Execution order is intentional and visible:

Pipeline(
    steps=[
        RemoveIndexMapStep(),
        RenameMainMapStep(),
        MyNewStep(),
        ProcessMapsStep(),
        RefactorGlossaryStep(),
    ],
    logger=logger,
)

There is no automatic discovery.


Placement Guidelines

Use these guidelines when inserting a new step:

Step Type Recommended Position
File discovery / deletion Early
Map restructuring Before topic-level steps
Topic generation Middle
Content rewriting Late
Validation / cleanup Last

If placement is ambiguous, the step is probably doing too much.


XML Safety Rules

  • Do not perform ad-hoc XML manipulation inside steps
  • Reuse helpers from dita_xml.py
  • Centralize XPath and tree logic in the facade module

Pattern to follow:

doc = read_xml(path)
doc = transform_function(doc)
write_xml(doc)

This keeps XML behavior consistent and maintainable.
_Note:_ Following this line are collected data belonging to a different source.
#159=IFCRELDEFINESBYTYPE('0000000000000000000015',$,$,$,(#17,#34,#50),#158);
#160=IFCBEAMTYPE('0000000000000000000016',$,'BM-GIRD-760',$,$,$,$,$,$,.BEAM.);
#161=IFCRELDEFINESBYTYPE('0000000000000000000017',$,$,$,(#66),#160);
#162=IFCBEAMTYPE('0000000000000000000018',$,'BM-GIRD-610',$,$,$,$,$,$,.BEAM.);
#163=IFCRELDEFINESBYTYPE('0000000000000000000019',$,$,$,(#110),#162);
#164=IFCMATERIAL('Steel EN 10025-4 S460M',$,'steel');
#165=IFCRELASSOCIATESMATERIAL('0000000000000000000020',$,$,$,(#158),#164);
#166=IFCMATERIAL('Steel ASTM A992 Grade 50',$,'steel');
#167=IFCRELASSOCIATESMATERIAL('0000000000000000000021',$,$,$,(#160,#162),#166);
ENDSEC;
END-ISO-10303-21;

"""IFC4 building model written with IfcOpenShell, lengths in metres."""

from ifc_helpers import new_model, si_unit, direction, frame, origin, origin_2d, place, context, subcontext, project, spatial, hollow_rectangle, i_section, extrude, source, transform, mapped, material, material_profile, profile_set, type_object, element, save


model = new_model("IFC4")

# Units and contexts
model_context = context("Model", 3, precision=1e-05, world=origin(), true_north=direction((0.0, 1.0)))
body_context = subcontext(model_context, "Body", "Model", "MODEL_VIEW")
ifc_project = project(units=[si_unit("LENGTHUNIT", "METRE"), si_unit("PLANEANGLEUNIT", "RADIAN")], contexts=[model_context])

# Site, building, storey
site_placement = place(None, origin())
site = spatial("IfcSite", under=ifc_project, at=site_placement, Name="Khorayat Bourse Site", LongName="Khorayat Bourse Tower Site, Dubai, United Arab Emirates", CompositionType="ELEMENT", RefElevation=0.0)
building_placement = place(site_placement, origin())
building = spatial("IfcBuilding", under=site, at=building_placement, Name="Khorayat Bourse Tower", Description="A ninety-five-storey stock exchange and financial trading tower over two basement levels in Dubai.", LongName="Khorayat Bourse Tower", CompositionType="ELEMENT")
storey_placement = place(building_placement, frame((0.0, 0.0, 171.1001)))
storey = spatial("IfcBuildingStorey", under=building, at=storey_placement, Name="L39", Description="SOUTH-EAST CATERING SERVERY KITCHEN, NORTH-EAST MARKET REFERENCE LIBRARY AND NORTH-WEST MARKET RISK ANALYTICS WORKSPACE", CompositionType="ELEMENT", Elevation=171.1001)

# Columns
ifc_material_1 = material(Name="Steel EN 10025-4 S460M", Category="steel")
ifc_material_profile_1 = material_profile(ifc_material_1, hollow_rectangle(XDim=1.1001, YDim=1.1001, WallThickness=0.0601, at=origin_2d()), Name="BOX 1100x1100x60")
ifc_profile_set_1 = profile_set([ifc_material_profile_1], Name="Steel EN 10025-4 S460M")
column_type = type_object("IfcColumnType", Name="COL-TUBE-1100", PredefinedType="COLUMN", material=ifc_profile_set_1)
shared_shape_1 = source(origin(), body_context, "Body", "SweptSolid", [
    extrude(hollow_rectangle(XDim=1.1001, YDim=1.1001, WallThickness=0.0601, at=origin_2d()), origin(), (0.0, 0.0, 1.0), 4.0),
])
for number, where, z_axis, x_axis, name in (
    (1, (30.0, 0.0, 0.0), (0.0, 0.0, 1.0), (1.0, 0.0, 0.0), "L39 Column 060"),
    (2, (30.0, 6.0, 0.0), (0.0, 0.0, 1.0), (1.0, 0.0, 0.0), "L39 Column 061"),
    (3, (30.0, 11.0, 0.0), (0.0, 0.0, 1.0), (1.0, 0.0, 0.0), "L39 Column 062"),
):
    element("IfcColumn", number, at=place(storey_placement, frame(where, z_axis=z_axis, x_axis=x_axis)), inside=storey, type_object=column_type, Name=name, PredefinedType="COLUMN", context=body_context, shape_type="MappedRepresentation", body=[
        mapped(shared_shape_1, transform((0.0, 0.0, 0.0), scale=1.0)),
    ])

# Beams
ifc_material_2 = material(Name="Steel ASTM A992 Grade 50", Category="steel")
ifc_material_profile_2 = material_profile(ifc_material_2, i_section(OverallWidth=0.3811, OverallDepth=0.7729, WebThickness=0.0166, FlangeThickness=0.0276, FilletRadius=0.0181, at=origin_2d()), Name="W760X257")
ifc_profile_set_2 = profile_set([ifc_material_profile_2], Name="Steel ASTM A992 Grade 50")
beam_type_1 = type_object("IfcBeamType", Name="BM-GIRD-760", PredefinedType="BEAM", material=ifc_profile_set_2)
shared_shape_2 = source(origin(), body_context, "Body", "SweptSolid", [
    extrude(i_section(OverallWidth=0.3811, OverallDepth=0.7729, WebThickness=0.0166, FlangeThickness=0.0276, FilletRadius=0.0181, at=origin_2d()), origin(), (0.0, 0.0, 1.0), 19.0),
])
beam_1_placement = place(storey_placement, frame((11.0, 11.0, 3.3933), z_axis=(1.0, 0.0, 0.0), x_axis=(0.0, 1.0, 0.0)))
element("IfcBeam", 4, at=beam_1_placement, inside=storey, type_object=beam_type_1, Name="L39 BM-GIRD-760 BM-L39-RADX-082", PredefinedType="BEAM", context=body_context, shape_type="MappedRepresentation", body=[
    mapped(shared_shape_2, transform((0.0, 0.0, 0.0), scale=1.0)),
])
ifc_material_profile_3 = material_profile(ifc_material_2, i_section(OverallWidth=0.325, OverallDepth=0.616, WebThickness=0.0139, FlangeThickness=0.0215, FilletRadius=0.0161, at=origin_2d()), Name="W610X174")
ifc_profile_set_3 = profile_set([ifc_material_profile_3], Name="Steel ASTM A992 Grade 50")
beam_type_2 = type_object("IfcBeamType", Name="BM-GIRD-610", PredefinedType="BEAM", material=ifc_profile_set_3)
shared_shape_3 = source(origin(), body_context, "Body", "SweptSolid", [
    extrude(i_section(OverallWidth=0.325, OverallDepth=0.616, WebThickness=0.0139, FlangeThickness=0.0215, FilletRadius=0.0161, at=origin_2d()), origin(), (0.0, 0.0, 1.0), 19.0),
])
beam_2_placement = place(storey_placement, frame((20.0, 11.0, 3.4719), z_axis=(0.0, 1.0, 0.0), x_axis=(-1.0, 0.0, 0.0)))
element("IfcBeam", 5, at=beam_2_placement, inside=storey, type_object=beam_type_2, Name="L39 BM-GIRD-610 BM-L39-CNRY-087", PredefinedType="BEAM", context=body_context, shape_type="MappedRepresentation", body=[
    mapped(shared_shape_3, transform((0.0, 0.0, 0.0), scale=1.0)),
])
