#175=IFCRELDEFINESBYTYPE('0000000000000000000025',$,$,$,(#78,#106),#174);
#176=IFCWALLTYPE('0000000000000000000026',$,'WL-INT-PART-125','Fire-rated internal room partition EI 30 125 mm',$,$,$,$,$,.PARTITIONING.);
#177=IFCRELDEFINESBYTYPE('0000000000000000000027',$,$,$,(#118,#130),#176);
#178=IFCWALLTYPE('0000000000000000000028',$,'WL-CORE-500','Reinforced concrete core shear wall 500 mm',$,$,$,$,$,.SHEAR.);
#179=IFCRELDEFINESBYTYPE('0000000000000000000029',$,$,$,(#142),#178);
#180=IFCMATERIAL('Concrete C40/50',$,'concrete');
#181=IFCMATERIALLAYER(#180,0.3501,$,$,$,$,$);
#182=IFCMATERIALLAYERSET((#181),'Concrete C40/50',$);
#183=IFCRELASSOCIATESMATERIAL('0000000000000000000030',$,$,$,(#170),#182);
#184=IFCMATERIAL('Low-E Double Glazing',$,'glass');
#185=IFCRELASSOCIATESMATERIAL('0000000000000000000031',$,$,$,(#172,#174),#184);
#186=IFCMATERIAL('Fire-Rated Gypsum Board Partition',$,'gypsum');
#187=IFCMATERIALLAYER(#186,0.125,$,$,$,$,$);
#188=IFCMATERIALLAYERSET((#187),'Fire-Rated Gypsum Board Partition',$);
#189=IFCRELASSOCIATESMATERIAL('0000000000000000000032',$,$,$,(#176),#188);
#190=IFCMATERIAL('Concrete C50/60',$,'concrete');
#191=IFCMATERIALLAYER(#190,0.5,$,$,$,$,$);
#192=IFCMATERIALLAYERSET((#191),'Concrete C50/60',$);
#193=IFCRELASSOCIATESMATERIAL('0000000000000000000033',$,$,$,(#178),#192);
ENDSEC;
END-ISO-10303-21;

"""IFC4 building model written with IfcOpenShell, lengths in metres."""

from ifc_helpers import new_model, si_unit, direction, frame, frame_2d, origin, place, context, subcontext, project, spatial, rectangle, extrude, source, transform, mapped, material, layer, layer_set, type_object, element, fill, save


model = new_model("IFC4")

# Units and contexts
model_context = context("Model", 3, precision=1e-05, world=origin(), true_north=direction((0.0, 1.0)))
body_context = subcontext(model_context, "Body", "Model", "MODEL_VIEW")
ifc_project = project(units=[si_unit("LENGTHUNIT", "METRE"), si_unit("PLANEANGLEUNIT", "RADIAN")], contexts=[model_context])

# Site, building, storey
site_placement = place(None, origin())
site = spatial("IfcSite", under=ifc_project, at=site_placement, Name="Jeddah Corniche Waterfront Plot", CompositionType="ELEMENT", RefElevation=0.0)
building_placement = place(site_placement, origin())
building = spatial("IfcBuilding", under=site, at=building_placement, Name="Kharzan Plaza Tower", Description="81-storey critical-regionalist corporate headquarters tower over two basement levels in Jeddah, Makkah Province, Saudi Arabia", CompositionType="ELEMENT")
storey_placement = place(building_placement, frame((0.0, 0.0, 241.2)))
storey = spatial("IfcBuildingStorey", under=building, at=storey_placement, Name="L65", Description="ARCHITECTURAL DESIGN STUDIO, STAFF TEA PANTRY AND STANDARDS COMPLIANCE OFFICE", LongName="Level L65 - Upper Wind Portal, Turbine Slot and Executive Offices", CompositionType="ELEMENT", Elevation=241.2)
Explicitly Unsupported Anti-Patterns

The following are not supported and should not be introduced:

  • Steps invoking other steps
  • Feature flags inside steps to simulate ordering
  • Orchestration logic in the CLI
  • Shared globals
  • Implicit dependencies between steps

If you need conditional behavior, add a new step and make it explicit.


Summary

Extensions in this project are deliberately constrained:

  • Linear pipeline
  • Explicit execution order
  • One responsibility per step
  • Controlled shared state

These constraints are what keep the system predictable, testable, and maintainable at scale.